# Does the Gamer Seeking Gamer App work for anyone else?



## TheMooCow (Jun 27, 2011)

I've tried several times over the last few weeks to bring up this supposed interactive map thing.  I've tried from 4 different computers on 4 different internet accounts (Home, Work 1, Work 2, Friend).  Everytime it times out.  And, the work accounts don't have any sort of blocking software on them.


----------



## Sombalance (Jun 28, 2011)

Just a wild guess, but you might want to set your game location.


----------



## Morrus (Jun 28, 2011)

It's certainly visibly working for thousands of people, since they're using it.

Do you get the lists below the map?  It's the same information, but in table form.


----------



## ydirbut (Jun 28, 2011)

No, it normally doesn't work for me either, but it does occasionally (like today.) For me at least, it normally just refuses to load at all, no lists, no nothing.


----------



## Theo R Cwithin (Jun 28, 2011)

Not for me either, and it hasn't for quite some time.  There was a thread about this a few months ago in Meta where I posted some screen shots of what I see (though they're screencaps of literally nothing, so it's not much to look at).

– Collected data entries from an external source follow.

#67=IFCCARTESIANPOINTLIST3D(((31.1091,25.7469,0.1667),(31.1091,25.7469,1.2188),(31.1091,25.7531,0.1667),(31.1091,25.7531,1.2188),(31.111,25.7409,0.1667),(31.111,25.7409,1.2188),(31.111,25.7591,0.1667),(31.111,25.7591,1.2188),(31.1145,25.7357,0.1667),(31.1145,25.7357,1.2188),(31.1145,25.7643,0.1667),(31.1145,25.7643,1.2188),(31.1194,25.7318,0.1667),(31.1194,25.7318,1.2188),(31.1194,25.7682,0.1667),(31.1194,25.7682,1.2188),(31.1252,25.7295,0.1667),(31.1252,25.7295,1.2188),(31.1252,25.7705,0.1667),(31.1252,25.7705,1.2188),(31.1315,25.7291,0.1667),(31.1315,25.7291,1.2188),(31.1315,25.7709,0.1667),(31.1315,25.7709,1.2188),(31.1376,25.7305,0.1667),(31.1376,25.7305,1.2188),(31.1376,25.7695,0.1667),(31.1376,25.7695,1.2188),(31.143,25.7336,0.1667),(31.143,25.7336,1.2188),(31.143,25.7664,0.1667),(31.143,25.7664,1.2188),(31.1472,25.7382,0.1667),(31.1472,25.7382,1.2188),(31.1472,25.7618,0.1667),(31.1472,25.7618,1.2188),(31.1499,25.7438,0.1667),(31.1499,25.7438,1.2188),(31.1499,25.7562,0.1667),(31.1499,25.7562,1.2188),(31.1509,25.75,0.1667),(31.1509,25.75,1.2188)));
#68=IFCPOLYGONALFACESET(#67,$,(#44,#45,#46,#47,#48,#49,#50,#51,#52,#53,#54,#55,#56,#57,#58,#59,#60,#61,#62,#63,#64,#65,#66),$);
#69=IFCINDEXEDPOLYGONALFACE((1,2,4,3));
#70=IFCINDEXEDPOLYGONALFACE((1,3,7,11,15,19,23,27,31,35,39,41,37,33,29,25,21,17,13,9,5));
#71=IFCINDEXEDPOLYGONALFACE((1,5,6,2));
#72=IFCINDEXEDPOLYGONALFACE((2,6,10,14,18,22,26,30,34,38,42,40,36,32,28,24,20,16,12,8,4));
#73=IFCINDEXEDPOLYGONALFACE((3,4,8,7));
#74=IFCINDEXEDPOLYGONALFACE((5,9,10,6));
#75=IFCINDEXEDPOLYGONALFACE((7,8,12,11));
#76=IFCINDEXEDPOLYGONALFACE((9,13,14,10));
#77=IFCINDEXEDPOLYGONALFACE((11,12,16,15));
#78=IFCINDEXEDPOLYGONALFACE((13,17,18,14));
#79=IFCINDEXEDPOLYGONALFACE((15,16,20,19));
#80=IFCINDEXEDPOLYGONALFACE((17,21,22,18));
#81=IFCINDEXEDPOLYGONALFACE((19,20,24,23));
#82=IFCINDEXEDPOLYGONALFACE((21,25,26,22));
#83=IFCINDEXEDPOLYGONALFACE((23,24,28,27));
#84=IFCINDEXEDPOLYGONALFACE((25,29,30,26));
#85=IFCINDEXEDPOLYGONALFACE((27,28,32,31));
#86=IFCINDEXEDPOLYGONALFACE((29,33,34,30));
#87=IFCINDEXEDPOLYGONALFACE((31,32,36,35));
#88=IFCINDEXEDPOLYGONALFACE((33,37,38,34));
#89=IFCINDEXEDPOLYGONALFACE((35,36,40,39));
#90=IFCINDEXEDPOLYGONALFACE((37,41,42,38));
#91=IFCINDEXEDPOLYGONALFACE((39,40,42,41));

The behavior I see (using two different computers & OSs, and several different browsers) is that it simply doesn't do anything.  When the "Gamers seeking Gamers" page thinks it's loaded after a long wait, there's just a blank page at that URL with no source code.


----------



## Papa-DRB (Jun 29, 2011)

Theo R Cwithin said:


> Not for me either, and it hasn't for quite some time.  There was a thread about this a few months ago in Meta where I posted some screen shots of what I see (though they're screencaps of literally nothing, so it's not much to look at).
> 
> The behavior I see (using two different computers & OSs, and several different browsers) is that it simply doesn't do anything.  When the "Gamers seeking Gamers" page thinks it's loaded after a long wait, there's just a blank page at that URL with no source code.



Same thing for me. It has not worked for months.

-- david
Papa.DRB


----------



## seriousbizzle (Jun 29, 2011)

Well, I wasn't sure if it was working, but after several months and with desperation mounting, it looks like I've scored 2 new players with the tool!

So chalk up one success story for the App.


----------



## BriarMonkey (Jun 30, 2011)

I just looked at this since I haven't tried it in a while.

When using Firefox v3.6, the tables below do render, but the map does not show up.  There's simply a large section of nothing between the search box and the tables below.  Looking at the source, it looks like there should be a Google map being generated, but that is not occurring.

When using IE v8, nothing renders.  The entire page is blank.  Looking at the source rendered, there is no content between the Body tags of the HTML.


----------



## 3catcircus (Jul 2, 2011)

It worked ok (albeit slowly) for me when it first was released, but since then, no joy.

IE6, IE8, Firefox 3.x, on two different PCs, not to mention an Android browser on my phone - nothing.

Edit:  Not working with Firefox 5, either.


----------



## Morrus (Jul 2, 2011)

Sounds like the Google Maps API is disagreeing with some folks.  I don't think there's any way we can influence that, though.

Maybe I can attempt to replicate the page without the Google Map part as an alternate page, but that'll take some work - I doubt I can fit that in before GenCon.  If anyone else knows PHP, they're welcome to have a crack at it, though!


----------



## TheMooCow (Jul 4, 2011)

Morrus said:


> It's certainly visibly working for thousands of people, since they're using it.
> 
> Do you get the lists below the map?  It's the same information, but in table form.




I get jack all and nothing.  It pretends like it's loading, then it just stops and gives me a 500.



> Just a wild guess, but you might want to set your game location.




If I had a game, I wouldn't need the app..... 

And..... it works?  WTF?

Ok, this is the first time I've tried bringing it up on a Win 7 computer.  Could that be it?  Could the system not being playing nice with Win XP?  That'd be weird I think (what little I understand about programming).

Well, there's a bit more info for you.  I just brought up one of the failing comps on the same network, and they still fail.  However, the Win 7 comp seems to bring it up.  As far as I know, the win XP comps are as up to date as they get.  Same with their Win Ex and Firefox.

WEIRD!


----------



## Enforcer (Jul 12, 2011)

I can't set the location on the game I just posted (Menlo Park, CA). When I go to set the game's location, I get a text entry box and that's it. I type Menlo Park, CA, or my zip code (94025), hit "go" and nothing at all happens. Very frustrating.


----------